Any adaptation of Jane Eyre has to grapple with the representation of Bertha Mason. Here Bertha is graphically placed from the start both as alter ego and powerful counterpoint to the frail figure of Jane, reminding us always of that larger, more powerful other than Jane could become. All is well and good. But in this otherwise colour-blind production, Bertha is played by a black actor/singer Melanie Marshall (who also carries the musical/lyrical line alongside the play’s action – she it is who sings ‘Mad About the Boy’). Brontë leaves the ethnic origins of Bertha ambiguous, saying only that her mother was Creole, which can be used in a Caribbean context to indicate mixed race but can also indicate simply born of a European settler. And there is no suggestion of mixed race in her brother Richard. But in using a black actor, Bertha is depicted as the black side of Jane’s whiteness, endorsing the one great flaw in Brontë’s novel, where Bertha’s appetites are ‘othered’ while Jane’s are made acceptable by being contained. Wouldn’t it have made more sense to use a white actor to play Bertha, thus counteracting any possible implications of Bertha’s race being allied with her madness? Caught between two stools, the production is uncomfortable with the depiction of Bertha. Instead of rending Jane’s wedding veil in two and then stamping on it, she floats it about a bit, thus missing the visual drama of her pre-visioning and pre-empting Jane’s loss of virginity. Her attack on her brother Richard is toned down – in the novel she tears into his shoulder with her teeth, but not here. Conversely, Jane is shown uncompromisingly biting John Reed. But these are difficult waters. At least this production gives Bertha a powerful voice, providing the musical and lyrical line throughout the production. ‘Reader, I married him’ – words that Bertha had the right to speak as well as Jane; but in this theatrical devising of Brontë’s fiction, as well as in the novel itself, it is Jane who tells the tale.

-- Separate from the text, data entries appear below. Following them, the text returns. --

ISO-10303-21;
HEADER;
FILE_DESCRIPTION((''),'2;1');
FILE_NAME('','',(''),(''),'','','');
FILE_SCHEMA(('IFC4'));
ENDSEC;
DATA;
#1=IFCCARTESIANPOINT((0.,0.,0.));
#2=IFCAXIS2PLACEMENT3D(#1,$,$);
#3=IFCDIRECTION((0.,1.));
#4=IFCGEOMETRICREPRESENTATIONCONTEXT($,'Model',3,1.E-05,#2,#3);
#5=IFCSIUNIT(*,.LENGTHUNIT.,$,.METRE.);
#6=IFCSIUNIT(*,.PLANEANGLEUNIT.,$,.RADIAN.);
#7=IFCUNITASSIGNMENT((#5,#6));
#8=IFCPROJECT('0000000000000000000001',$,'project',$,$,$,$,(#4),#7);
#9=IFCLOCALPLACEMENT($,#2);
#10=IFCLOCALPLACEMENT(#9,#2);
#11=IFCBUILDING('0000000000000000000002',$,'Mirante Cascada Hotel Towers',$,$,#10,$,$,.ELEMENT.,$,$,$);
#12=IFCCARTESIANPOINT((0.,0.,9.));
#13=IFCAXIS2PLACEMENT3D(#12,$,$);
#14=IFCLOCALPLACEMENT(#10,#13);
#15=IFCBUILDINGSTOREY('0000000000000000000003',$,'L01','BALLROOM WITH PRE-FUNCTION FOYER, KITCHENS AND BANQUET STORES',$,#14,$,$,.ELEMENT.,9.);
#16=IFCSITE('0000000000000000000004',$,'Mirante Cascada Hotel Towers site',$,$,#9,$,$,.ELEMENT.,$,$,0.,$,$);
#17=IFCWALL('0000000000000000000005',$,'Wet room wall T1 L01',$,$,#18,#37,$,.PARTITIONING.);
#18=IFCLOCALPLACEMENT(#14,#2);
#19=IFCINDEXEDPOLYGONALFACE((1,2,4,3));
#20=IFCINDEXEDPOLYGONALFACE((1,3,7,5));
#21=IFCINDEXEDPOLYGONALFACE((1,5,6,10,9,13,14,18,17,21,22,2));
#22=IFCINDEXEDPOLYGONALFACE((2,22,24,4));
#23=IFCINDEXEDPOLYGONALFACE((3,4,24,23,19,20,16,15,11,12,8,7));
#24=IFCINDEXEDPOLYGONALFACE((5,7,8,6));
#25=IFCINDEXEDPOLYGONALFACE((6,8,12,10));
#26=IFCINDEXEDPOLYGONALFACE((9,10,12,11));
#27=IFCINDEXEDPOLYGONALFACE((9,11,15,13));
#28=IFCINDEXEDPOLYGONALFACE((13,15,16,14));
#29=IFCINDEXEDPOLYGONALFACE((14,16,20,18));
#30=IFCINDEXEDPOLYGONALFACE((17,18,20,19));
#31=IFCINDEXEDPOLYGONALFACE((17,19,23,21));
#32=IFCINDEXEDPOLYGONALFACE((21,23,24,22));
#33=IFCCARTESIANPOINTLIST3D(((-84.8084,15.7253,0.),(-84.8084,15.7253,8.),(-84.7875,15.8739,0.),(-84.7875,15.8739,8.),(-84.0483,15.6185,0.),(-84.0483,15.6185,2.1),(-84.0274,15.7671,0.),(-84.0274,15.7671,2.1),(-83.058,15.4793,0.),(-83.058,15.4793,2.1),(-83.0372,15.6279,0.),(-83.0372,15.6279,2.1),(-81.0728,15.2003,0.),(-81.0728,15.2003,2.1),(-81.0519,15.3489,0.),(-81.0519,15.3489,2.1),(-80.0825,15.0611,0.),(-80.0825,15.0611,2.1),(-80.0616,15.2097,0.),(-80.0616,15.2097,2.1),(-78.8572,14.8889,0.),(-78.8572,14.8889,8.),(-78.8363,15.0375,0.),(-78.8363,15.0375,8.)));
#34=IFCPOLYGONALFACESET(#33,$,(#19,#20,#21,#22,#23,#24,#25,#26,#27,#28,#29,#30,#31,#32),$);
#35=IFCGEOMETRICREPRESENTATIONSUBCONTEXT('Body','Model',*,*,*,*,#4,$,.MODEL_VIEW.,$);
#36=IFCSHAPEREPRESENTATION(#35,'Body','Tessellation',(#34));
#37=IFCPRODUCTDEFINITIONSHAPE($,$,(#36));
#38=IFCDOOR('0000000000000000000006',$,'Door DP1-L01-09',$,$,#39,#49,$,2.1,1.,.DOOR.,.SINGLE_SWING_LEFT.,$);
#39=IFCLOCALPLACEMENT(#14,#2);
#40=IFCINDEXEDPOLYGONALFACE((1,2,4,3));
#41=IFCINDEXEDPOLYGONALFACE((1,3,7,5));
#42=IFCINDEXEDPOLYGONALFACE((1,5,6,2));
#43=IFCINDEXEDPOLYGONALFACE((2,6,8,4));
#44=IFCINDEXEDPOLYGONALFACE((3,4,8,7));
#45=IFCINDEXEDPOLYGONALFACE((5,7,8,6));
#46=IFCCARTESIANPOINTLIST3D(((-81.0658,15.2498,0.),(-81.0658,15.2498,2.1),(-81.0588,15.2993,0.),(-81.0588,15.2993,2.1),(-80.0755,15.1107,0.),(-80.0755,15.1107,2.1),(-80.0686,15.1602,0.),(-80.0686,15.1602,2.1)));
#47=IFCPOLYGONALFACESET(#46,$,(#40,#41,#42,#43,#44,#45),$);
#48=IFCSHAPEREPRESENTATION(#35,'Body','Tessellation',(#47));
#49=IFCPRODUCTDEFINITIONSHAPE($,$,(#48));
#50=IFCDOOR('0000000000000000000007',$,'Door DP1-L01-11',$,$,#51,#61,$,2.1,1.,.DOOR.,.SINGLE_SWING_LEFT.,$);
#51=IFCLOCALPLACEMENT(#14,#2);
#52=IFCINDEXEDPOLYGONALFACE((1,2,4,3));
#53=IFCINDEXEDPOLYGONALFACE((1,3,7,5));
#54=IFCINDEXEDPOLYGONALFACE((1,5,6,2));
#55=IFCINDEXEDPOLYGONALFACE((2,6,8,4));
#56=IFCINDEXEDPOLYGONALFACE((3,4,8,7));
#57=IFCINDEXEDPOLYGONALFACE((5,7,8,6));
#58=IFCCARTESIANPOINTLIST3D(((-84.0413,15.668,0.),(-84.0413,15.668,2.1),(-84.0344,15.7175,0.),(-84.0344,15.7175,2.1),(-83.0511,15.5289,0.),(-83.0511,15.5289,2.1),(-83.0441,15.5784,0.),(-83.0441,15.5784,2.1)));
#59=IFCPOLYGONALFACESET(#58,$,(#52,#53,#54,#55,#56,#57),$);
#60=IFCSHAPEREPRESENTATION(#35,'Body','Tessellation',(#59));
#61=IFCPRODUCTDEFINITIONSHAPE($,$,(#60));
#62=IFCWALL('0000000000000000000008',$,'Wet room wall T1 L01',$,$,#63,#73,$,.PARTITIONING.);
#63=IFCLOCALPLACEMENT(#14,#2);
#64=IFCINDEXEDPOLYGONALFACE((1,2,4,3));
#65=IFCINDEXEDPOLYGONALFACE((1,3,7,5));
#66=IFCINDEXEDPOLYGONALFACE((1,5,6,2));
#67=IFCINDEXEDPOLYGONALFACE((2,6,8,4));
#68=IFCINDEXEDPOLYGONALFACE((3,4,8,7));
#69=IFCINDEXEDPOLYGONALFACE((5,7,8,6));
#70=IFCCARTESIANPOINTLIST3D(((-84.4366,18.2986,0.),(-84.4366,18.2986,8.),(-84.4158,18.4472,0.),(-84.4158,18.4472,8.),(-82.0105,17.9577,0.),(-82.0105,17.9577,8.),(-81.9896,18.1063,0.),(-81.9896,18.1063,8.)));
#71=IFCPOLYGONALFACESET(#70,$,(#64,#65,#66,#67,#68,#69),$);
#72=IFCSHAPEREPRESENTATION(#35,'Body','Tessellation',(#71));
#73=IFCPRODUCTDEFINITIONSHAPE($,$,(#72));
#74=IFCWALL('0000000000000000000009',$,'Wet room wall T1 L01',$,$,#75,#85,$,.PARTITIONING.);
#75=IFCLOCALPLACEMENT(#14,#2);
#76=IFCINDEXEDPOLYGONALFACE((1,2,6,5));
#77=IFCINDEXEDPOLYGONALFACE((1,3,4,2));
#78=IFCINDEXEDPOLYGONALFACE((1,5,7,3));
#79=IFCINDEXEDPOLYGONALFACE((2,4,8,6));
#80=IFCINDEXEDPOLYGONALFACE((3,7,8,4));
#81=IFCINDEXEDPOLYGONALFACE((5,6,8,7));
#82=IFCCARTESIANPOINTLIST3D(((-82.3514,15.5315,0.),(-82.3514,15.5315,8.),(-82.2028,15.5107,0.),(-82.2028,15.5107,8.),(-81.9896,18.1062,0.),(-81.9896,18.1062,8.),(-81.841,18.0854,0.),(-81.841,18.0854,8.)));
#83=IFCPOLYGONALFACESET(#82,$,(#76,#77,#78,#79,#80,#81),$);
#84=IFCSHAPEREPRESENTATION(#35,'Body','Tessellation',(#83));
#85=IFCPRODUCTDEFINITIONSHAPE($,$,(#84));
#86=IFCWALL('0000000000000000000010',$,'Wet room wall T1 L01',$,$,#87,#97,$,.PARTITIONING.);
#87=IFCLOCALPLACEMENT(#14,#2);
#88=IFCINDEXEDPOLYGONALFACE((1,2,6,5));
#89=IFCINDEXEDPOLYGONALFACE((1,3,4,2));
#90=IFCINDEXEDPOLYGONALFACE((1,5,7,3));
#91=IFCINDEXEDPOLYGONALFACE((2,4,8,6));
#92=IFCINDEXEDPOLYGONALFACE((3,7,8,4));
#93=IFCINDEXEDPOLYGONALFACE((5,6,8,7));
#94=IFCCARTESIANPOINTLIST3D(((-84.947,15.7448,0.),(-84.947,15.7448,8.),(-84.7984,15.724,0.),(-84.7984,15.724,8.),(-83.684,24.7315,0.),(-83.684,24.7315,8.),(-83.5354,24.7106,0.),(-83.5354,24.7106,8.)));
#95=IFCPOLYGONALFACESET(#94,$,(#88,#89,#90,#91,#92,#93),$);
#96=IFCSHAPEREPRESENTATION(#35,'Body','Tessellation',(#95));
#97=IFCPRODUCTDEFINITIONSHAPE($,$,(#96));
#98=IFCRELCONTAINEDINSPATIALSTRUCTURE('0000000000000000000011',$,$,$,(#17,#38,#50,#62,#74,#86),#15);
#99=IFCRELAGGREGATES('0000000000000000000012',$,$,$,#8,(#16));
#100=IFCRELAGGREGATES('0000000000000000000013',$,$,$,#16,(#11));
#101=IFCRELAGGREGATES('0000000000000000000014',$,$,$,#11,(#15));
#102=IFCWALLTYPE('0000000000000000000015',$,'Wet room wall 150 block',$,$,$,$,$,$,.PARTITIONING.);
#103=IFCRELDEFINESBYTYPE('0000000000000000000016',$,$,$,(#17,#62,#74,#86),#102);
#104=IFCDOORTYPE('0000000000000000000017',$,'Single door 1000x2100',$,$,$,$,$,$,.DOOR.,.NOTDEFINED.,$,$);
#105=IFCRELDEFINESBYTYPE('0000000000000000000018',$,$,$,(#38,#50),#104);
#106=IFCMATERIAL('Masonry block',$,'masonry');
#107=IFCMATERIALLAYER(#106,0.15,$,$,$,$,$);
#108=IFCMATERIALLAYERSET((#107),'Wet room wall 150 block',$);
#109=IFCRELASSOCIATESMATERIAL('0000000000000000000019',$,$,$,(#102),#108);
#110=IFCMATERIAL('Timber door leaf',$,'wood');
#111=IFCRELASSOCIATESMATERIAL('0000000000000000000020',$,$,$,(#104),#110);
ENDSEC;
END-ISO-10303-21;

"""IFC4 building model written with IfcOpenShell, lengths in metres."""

from ifc_helpers import new_model, si_unit, direction, frame, frame_2d, origin, place, context, subcontext, project, spatial, rectangle, extrude, material, layer, layer_set, type_object, element, fill, save


model = new_model("IFC4")

# Units and contexts
model_context = context("Model", 3, precision=1e-05, world=origin(), true_north=direction((0.0, 1.0)))
body_context = subcontext(model_context, "Body", "Model", "MODEL_VIEW")
ifc_project = project(units=[si_unit("LENGTHUNIT", "METRE"), si_unit("PLANEANGLEUNIT", "RADIAN")], contexts=[model_context])

# Site, building, storey
site_placement = place(None, origin())
site = spatial("IfcSite", under=ifc_project, at=site_placement, Name="Mirante Cascada Hotel Towers site", CompositionType="ELEMENT", RefElevation=0.0)
building_placement = place(site_placement, origin())
building = spatial("IfcBuilding", under=site, at=building_placement, Name="Mirante Cascada Hotel Towers", CompositionType="ELEMENT")
storey_placement = place(building_placement, frame((0.0, 0.0, 9.0)))
storey = spatial("IfcBuildingStorey", under=building, at=storey_placement, Name="L01", Description="BALLROOM WITH PRE-FUNCTION FOYER, KITCHENS AND BANQUET STORES", CompositionType="ELEMENT", Elevation=9.0)

# Wall, openings, doors
ifc_material_1 = material(Name="Masonry block", Category="masonry")
ifc_layer_1 = layer(ifc_material_1, 0.15)
ifc_layer_set_1 = layer_set([ifc_layer_1], Name="Wet room wall 150 block")
wall_type_1 = type_object("IfcWallType", Name="Wet room wall 150 block", PredefinedType="PARTITIONING", material=ifc_layer_set_1)
wall_1_placement = place(storey_placement, frame((-84.7979, 15.7996, 0.0), z_axis=(0.0, 0.0, 1.0), x_axis=(0.990268, -0.139175, 0.0)))
wall_1 = element("IfcWall", 1, at=wall_1_placement, inside=storey, type_object=wall_type_1, Name="Wet room wall T1 L01", PredefinedType="PARTITIONING", context=body_context, shape_type="SweptSolid", body=[
    extrude(rectangle(XDim=6.0097, YDim=0.15, at=frame_2d((3.0048, 0.0))), origin(), (0.0, 0.0, 1.0), 8.0),
])
opening_1_placement = place(wall_1_placement, frame((3.7723, 0.0, 0.0)))
opening_1 = element("IfcOpeningElement", 2, at=opening_1_placement, cuts=wall_1, PredefinedType="OPENING", context=body_context, shape_type="SweptSolid", body=[
    extrude(rectangle(XDim=1.0, YDim=2.1, at=frame_2d((0.5, 1.05))), frame((0.0, 0.075, 0.0), z_axis=(0.0, -1.0, 0.0), x_axis=(1.0, 0.0, 0.0)), (0.0, 0.0, 1.0), 0.15),
])
opening_2_placement = place(wall_1_placement, frame((0.7675, 0.0, 0.0)))
opening_2 = element("IfcOpeningElement", 3, at=opening_2_placement, cuts=wall_1, PredefinedType="OPENING", context=body_context, shape_type="SweptSolid", body=[
    extrude(rectangle(XDim=1.0, YDim=2.1, at=frame_2d((0.5, 1.05))), frame((0.0, 0.075, 0.0), z_axis=(0.0, -1.0, 0.0), x_axis=(1.0, 0.0, 0.0)), (0.0, 0.0, 1.0), 0.15),
])
ifc_material_2 = material(Name="Timber door leaf", Category="wood")
door_type = type_object("IfcDoorType", Name="Single door 1000x2100", OperationType="NOTDEFINED", PredefinedType="DOOR", material=ifc_material_2)
door_1_placement = place(opening_1_placement, origin())
door_1 = element("IfcDoor", 4, at=door_1_placement, inside=storey, type_object=door_type, Name="Door DP1-L01-09", OperationType="SINGLE_SWING_LEFT", OverallHeight=2.1, OverallWidth=1.0, PredefinedType="DOOR", context=body_context, shape_type="SweptSolid", body=[
    extrude(rectangle(XDim=1.0, YDim=2.1, at=frame_2d((0.5, 1.05))), frame((0.0, 0.025, 0.0), z_axis=(0.0, -1.0, 0.0), x_axis=(1.0, 0.0, 0.0)), (0.0, 0.0, 1.0), 0.05),
])
fill(opening_1, door_1)
door_2_placement = place(opening_2_placement, origin())
door_2 = element("IfcDoor", 5, at=door_2_placement, inside=storey, type_object=door_type, Name="Door DP1-L01-11", OperationType="SINGLE_SWING_LEFT", OverallHeight=2.1, OverallWidth=1.0, PredefinedType="DOOR", context=body_context, shape_type="SweptSolid", body=[
    extrude(rectangle(XDim=1.0, YDim=2.1, at=frame_2d((0.5, 1.05))), frame((0.0, 0.025, 0.0), z_axis=(0.0, -1.0, 0.0), x_axis=(1.0, 0.0, 0.0)), (0.0, 0.0, 1.0), 0.05),
])
fill(opening_2, door_2)

# Walls
wall_2_placement = place(storey_placement, frame((-84.4262, 18.3729, 0.0), z_axis=(0.0, 0.0, 1.0), x_axis=(0.990273, -0.139141, 0.0)))
element("IfcWall", 6, at=wall_2_placement, inside=storey, type_object=wall_type_1, Name="Wet room wall T1 L01", PredefinedType="PARTITIONING", context=body_context, shape_type="SweptSolid", body=[
    extrude(rectangle(XDim=2.45, YDim=0.15, at=frame_2d((1.225, 0.0))), origin(), (0.0, 0.0, 1.0), 8.0),
])
wall_3_placement = place(storey_placement, frame((-82.2771, 15.5211, 0.0), z_axis=(0.0, 0.0, 1.0), x_axis=(0.139154, 0.990271, 0.0)))
element("IfcWall", 7, at=wall_3_placement, inside=storey, type_object=wall_type_1, Name="Wet room wall T1 L01", PredefinedType="PARTITIONING", context=body_context, shape_type="SweptSolid", body=[
    extrude(rectangle(XDim=2.6, YDim=0.15, at=frame_2d((1.3, 0.0))), origin(), (0.0, 0.0, 1.0), 8.0),
])
wall_4_placement = place(storey_placement, frame((-84.8727, 15.7344, 0.0), z_axis=(0.0, 0.0, 1.0), x_axis=(0.139173, 0.990268, 0.0)))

A final footnote: I have to end with the tail wagging the dog. This stage production has quite the most brilliant depiction of a dog – Rochester’s Pilot – a human actor (Paul Mundell) could ever produce. Faithful, ever wagging, ever ready to be happy, optimistic, watchful for what his master might want, on the qui vive, flopped down exhausted but still on the qui vive, delightedly responding to being scratched and caressed – a dog extraordinaire. I suppose it’s not the best recommendation, but honestly, it’s worth going just to see the dog.